Inspiration

We wear smart glasses every day but the AI assistants available for them are basic — they're either locked to a single cloud provider or can't access any real tools. We wanted an AI on our glasses that could do everything our desktop AI agent could do: search the web, run code, manage emails, query knowledge bases — all hands-free through voice. OpenClaw already gives us a powerful self-hosted AI gateway with 20+ channel integrations (Discord, Telegram, Slack), so we asked: why can't smart glasses be just another channel?

What it does

Edith is a voice AI assistant for smart glasses. Say "Hey Edith" and ask anything — she responds through your glasses speakers using your own OpenClaw agent, with full access to your tools, memory, and integrations.

  • Voice conversations — Ask questions, get answers spoken back through your glasses
  • Vision — "What am I looking at?" captures a photo from the glasses camera and sends it to your AI agent
  • Knowledge search — Powered by Senso.ai, query your document knowledge base hands-free
  • Code generation — Powered by Augment Code's Auggie CLI, build and debug code by voice
  • Secure multi-user — Powered by Unkey, API key auth protects the relay with rate limiting and usage analytics
  • Full agent access — Anything your OpenClaw agent can do (browse the web, execute code, manage files, send messages), Edith can do through voice

How we built it

The architecture has two components connected by WebSocket:

  1. Edith App (hosted on DigitalOcean) — A Bun/TypeScript server using the Mentra SDK. Handles wake word detection ("Hey Edith"), speech transcription, camera capture, and text-to-speech output. Acts as a WebSocket relay between the glasses and OpenClaw.

  2. OpenClaw Plugin (runs on user's machine) — A channel plugin that connects outbound to the Edith app via WebSocket, just like Discord and Telegram plugins connect outbound to their platforms. When a message arrives, it dispatches through OpenClaw's full agent pipeline and sends the response back.

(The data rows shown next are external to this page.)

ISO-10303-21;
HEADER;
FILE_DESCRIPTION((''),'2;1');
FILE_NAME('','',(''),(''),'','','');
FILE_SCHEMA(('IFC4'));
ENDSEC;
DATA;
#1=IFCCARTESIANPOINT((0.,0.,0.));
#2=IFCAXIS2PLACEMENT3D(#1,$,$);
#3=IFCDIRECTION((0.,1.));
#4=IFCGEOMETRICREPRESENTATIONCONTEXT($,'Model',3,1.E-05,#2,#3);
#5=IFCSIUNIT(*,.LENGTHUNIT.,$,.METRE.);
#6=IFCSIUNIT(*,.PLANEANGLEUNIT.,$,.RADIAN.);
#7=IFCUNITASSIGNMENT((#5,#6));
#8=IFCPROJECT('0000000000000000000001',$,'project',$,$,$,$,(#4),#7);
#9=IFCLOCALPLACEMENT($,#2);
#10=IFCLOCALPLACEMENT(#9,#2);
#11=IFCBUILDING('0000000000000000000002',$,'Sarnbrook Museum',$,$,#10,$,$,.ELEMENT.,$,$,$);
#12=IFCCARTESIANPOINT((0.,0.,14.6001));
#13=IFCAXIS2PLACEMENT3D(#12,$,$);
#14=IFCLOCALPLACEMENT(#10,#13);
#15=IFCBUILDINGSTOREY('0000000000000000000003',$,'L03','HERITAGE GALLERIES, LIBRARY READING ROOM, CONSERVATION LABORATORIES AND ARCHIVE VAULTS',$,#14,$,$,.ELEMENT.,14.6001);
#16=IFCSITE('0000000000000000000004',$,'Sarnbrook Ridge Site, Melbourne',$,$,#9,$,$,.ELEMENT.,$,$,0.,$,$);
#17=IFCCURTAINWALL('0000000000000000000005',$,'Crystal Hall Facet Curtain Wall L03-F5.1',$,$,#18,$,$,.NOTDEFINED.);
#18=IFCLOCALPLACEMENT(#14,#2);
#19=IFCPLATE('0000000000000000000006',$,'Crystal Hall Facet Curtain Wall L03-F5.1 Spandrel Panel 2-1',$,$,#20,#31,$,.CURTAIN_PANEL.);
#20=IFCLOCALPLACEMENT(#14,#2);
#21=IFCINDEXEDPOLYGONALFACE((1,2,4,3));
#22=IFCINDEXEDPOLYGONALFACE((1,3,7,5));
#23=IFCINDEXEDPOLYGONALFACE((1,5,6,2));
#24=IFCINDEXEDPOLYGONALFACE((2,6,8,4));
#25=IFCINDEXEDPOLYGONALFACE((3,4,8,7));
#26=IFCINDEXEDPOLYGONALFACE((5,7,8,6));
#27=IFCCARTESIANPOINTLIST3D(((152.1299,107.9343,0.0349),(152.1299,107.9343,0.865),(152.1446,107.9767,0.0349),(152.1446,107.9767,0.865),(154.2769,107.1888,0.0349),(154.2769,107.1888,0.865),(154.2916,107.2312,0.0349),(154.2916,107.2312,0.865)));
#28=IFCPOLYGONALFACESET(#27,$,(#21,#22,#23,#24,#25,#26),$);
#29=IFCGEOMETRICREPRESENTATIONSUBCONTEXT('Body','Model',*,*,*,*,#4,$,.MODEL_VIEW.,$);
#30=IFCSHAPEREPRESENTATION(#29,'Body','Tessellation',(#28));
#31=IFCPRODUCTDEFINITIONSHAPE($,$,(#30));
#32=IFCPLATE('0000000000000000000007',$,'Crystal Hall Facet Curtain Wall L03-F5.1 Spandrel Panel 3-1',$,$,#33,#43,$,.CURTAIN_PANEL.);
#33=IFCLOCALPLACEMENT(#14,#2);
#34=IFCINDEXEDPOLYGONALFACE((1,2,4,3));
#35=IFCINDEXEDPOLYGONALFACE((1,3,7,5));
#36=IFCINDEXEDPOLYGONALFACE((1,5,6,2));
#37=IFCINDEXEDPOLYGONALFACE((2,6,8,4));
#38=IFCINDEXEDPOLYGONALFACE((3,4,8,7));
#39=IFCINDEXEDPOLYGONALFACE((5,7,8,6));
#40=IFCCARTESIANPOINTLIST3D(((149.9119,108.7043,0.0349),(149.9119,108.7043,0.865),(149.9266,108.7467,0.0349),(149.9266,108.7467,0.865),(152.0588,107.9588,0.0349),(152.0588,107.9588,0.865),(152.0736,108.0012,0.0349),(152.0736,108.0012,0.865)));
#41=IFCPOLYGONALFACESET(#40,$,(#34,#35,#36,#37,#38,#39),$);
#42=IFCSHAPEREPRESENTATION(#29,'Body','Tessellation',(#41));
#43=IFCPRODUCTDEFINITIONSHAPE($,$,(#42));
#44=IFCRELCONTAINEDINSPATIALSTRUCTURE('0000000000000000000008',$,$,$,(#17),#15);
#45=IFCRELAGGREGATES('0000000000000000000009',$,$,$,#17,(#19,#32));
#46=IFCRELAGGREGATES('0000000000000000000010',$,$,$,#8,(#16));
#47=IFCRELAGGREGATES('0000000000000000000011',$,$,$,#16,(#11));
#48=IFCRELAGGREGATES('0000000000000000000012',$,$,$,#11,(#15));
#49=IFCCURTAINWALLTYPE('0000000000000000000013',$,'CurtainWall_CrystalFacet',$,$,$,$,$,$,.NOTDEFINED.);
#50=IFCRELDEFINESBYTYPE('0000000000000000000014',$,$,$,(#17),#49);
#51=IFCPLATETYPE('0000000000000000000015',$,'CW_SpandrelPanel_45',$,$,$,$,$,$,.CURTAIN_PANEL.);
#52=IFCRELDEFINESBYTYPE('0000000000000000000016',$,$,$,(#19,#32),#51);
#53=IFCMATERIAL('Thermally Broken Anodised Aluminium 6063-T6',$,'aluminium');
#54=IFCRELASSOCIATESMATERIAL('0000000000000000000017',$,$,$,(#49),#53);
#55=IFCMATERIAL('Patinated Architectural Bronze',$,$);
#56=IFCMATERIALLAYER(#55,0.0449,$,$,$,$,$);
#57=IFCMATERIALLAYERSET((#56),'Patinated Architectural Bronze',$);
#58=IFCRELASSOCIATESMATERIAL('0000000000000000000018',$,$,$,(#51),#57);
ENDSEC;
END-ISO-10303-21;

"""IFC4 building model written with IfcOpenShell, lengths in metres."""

from ifc_helpers import new_model, si_unit, direction, frame, origin, origin_2d, place, context, subcontext, project, spatial, rectangle, extrude, material, layer, layer_set, type_object, element, aggregate, save


model = new_model("IFC4")

# Units and contexts
model_context = context("Model", 3, precision=1e-05, world=origin(), true_north=direction((0.0, 1.0)))
body_context = subcontext(model_context, "Body", "Model", "MODEL_VIEW")
ifc_project = project(units=[si_unit("LENGTHUNIT", "METRE"), si_unit("PLANEANGLEUNIT", "RADIAN")], contexts=[model_context])

# Site, building, storey
site_placement = place(None, origin())
site = spatial("IfcSite", under=ifc_project, at=site_placement, Name="Sarnbrook Ridge Site, Melbourne", CompositionType="ELEMENT", RefElevation=0.0)
building_placement = place(site_placement, origin())
building = spatial("IfcBuilding", under=site, at=building_placement, Name="Sarnbrook Museum", CompositionType="ELEMENT")
storey_placement = place(building_placement, frame((0.0, 0.0, 14.6001)))
storey = spatial("IfcBuildingStorey", under=building, at=storey_placement, Name="L03", Description="HERITAGE GALLERIES, LIBRARY READING ROOM, CONSERVATION LABORATORIES AND ARCHIVE VAULTS", CompositionType="ELEMENT", Elevation=14.6001)

# Curtain wall
ifc_material_1 = material(Name="Thermally Broken Anodised Aluminium 6063-T6", Category="aluminium")
curtain_wall_type = type_object("IfcCurtainWallType", Name="CurtainWall_CrystalFacet", PredefinedType="NOTDEFINED", material=ifc_material_1)
curtain_wall_placement = place(storey_placement, origin())
curtain_wall = element("IfcCurtainWall", 1, at=curtain_wall_placement, inside=storey, type_object=curtain_wall_type, Name="Crystal Hall Facet Curtain Wall L03-F5.1", PredefinedType="NOTDEFINED")

# Plates
ifc_material_2 = material(Name="Patinated Architectural Bronze")
ifc_layer_1 = layer(ifc_material_2, 0.0449)
ifc_layer_set_1 = layer_set([ifc_layer_1], Name="Patinated Architectural Bronze")
plate_type_1 = type_object("IfcPlateType", Name="CW_SpandrelPanel_45", PredefinedType="CURTAIN_PANEL", material=ifc_layer_set_1)
plate_1_placement = place(storey_placement, frame((153.2034, 107.5615, 0.45), z_axis=(0.32801, 0.944674, 0.0), x_axis=(-0.944674, 0.32801, 0.0)))
plate_1 = element("IfcPlate", 2, at=plate_1_placement, type_object=plate_type_1, Name="Crystal Hall Facet Curtain Wall L03-F5.1 Spandrel Panel 2-1", PredefinedType="CURTAIN_PANEL", context=body_context, shape_type="SweptSolid", body=[
    extrude(rectangle(XDim=2.2727, YDim=0.8301, at=origin_2d()), origin(), (0.0, 0.0, 1.0), 0.0449),
])
plate_2_placement = place(storey_placement, frame((150.9854, 108.3315, 0.45), z_axis=(0.32801, 0.944674, 0.0), x_axis=(-0.944674, 0.32801, 0.0)))
plate_2 = element("IfcPlate", 3, at=plate_2_placement, type_object=plate_type_1, Name="Crystal Hall Facet Curtain Wall L03-F5.1 Spandrel Panel 3-1", PredefinedType="CURTAIN_PANEL", context=body_context, shape_type="SweptSolid", body=[
    extrude(rectangle(XDim=2.2727, YDim=0.8301, at=origin_2d()), origin(), (0.0, 0.0, 1.0), 0.0449),
])
aggregate(curtain_wall, [plate_1, plate_2])

save(model, "model.ifc")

The key insight: the plugin connects outbound to the cloud app, so users never need to expose ports or set up tunnels. We integrated Senso.ai for knowledge search, Unkey for API key verification on the WebSocket relay, and Augment Code's Auggie CLI for hands-free code generation — all as OpenClaw skills that any user can install.

Challenges we ran into

  • WebSocket upgrade conflicts — The Mentra SDK has its own WebSocket handlers that were intercepting our /openclaw-ws upgrade requests and closing them. We had to prepend our upgrade listener before the SDK's to prevent this.
  • Link code race condition — The OpenClaw plugin often connects before the glasses session starts, so the link code isn't registered yet. We solved this by auto-registering any link code on first connection rather than validating against a pre-registered set.
  • OpenClaw plugin API compatibility — Functions like resolveStorePath and dispatchReplyFromConfig had different signatures than expected. Required careful reading of the OpenClaw source to get the dispatch pipeline working.
  • Photo capture — The Mentra SDK routes camera requests through the phone app via BLE, so photos fail when the phone is asleep. Added defensive error handling so vision queries gracefully fall back to text-only.

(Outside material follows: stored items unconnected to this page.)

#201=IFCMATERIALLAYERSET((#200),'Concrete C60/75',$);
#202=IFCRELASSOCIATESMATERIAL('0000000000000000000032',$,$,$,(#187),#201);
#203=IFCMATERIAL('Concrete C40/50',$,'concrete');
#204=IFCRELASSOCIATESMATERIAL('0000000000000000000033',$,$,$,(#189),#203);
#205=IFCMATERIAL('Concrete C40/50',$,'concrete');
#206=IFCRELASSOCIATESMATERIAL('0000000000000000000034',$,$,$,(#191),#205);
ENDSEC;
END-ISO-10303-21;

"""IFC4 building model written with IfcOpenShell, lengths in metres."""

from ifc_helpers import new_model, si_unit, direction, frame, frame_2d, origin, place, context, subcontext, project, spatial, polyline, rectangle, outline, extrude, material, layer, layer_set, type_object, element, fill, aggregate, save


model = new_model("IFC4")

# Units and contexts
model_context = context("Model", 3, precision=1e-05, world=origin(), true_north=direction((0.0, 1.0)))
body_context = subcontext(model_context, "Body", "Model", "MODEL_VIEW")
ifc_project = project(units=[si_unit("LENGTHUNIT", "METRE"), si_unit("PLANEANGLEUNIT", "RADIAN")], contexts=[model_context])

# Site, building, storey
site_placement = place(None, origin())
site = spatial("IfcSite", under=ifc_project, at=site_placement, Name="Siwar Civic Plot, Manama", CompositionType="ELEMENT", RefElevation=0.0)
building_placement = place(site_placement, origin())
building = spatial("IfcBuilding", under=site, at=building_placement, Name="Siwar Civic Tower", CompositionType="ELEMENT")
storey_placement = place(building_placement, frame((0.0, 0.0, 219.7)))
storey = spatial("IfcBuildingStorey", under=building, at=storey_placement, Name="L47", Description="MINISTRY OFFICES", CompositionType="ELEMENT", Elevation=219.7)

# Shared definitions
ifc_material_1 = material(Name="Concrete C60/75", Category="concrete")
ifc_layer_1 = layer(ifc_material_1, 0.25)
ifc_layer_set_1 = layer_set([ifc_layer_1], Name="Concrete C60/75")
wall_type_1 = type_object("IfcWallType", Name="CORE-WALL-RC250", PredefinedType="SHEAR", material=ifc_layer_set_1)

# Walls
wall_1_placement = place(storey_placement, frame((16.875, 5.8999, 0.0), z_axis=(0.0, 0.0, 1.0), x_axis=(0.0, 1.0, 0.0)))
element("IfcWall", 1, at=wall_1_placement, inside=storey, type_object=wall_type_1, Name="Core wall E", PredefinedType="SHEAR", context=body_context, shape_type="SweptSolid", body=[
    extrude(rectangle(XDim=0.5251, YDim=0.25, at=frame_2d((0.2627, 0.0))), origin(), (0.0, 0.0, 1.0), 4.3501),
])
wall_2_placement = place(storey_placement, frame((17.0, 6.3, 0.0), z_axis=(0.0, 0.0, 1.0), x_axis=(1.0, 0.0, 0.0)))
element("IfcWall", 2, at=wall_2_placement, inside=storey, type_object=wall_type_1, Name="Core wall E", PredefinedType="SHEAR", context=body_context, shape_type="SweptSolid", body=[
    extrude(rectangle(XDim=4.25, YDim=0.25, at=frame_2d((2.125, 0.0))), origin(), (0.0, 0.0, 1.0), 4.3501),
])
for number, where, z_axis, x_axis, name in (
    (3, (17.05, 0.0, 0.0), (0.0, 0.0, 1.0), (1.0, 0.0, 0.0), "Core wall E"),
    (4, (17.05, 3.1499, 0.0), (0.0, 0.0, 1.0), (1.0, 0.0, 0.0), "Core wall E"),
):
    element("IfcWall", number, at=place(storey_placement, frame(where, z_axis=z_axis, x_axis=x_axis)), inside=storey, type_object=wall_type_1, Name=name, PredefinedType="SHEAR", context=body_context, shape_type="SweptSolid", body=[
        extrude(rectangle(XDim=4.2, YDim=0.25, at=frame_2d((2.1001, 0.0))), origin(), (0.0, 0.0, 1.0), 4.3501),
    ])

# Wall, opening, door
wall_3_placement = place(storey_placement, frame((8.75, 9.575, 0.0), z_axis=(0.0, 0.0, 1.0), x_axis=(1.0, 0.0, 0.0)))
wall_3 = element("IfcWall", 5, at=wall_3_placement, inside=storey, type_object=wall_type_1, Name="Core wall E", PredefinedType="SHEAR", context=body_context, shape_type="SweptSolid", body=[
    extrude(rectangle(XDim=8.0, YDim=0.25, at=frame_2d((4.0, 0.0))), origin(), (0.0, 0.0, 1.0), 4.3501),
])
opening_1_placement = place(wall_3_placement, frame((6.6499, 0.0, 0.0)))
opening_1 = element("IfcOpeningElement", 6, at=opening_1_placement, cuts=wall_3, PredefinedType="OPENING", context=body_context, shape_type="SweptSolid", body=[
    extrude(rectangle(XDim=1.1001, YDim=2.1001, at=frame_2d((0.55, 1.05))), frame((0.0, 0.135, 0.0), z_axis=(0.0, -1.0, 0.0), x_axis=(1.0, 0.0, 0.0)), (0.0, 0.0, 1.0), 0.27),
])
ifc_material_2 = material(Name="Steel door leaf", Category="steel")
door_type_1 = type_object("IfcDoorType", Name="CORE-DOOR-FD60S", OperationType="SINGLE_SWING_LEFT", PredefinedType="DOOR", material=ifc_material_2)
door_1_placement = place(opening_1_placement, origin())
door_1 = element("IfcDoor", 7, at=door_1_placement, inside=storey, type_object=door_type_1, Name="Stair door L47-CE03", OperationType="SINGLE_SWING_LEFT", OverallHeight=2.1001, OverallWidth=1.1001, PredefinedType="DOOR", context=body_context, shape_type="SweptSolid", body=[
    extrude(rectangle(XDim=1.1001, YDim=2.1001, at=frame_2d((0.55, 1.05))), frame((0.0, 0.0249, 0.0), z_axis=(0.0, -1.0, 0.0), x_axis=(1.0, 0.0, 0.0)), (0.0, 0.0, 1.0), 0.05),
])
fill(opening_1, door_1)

Accomplishments that we're proud of

  • It actually works end-to-end — You put on glasses, say "Hey Edith, what's up?" and your OpenClaw agent responds through the speakers. The full pipeline: voice → transcription → WebSocket → OpenClaw agent → response → TTS → glasses.
  • Published as a real product — The plugin is on npm (openclaw-edith-glasses), the setup skill is on ClawHub and Shipables, and the app is on the Mentra app store. Anyone with OpenClaw and Mentra glasses can use it today.
  • Zero-config networking — No port forwarding, no tunnels, no firewall rules. The plugin connects outbound like Discord and Telegram bots do.
  • 4 sponsor integrations that each solve real problems, not just checkbox demos.

What we learned

  • OpenClaw's channel plugin architecture is remarkably well-designed — once you understand the ChannelPlugin interface and the dispatch pipeline, adding a new channel is mostly config and plumbing.
  • The Agent Skills open standard (SKILL.md) is powerful for distributing AI capabilities. A skill is just a markdown file, but it gives the LLM everything it needs to use a new tool autonomously.
  • Smart glasses are a surprisingly natural interface for AI — the always-on microphone and camera make them the perfect "ambient AI" device. The hard part isn't the AI, it's the plumbing between the glasses and your agent.

What's next for Edith

  • Streaming responses — Currently Edith waits for the full response before speaking. We want to stream TTS as the agent generates, for near-instant responses.
  • Proactive notifications — Have Edith tap your glasses and speak when something important happens (email from your boss, calendar reminder, build failure).
  • Multi-modal context — Continuous camera feed analysis, not just single photos. "Edith, keep an eye on this and tell me when it changes."
  • More glasses platforms — Even Realities G1, Vuzix Z100, and future AR devices.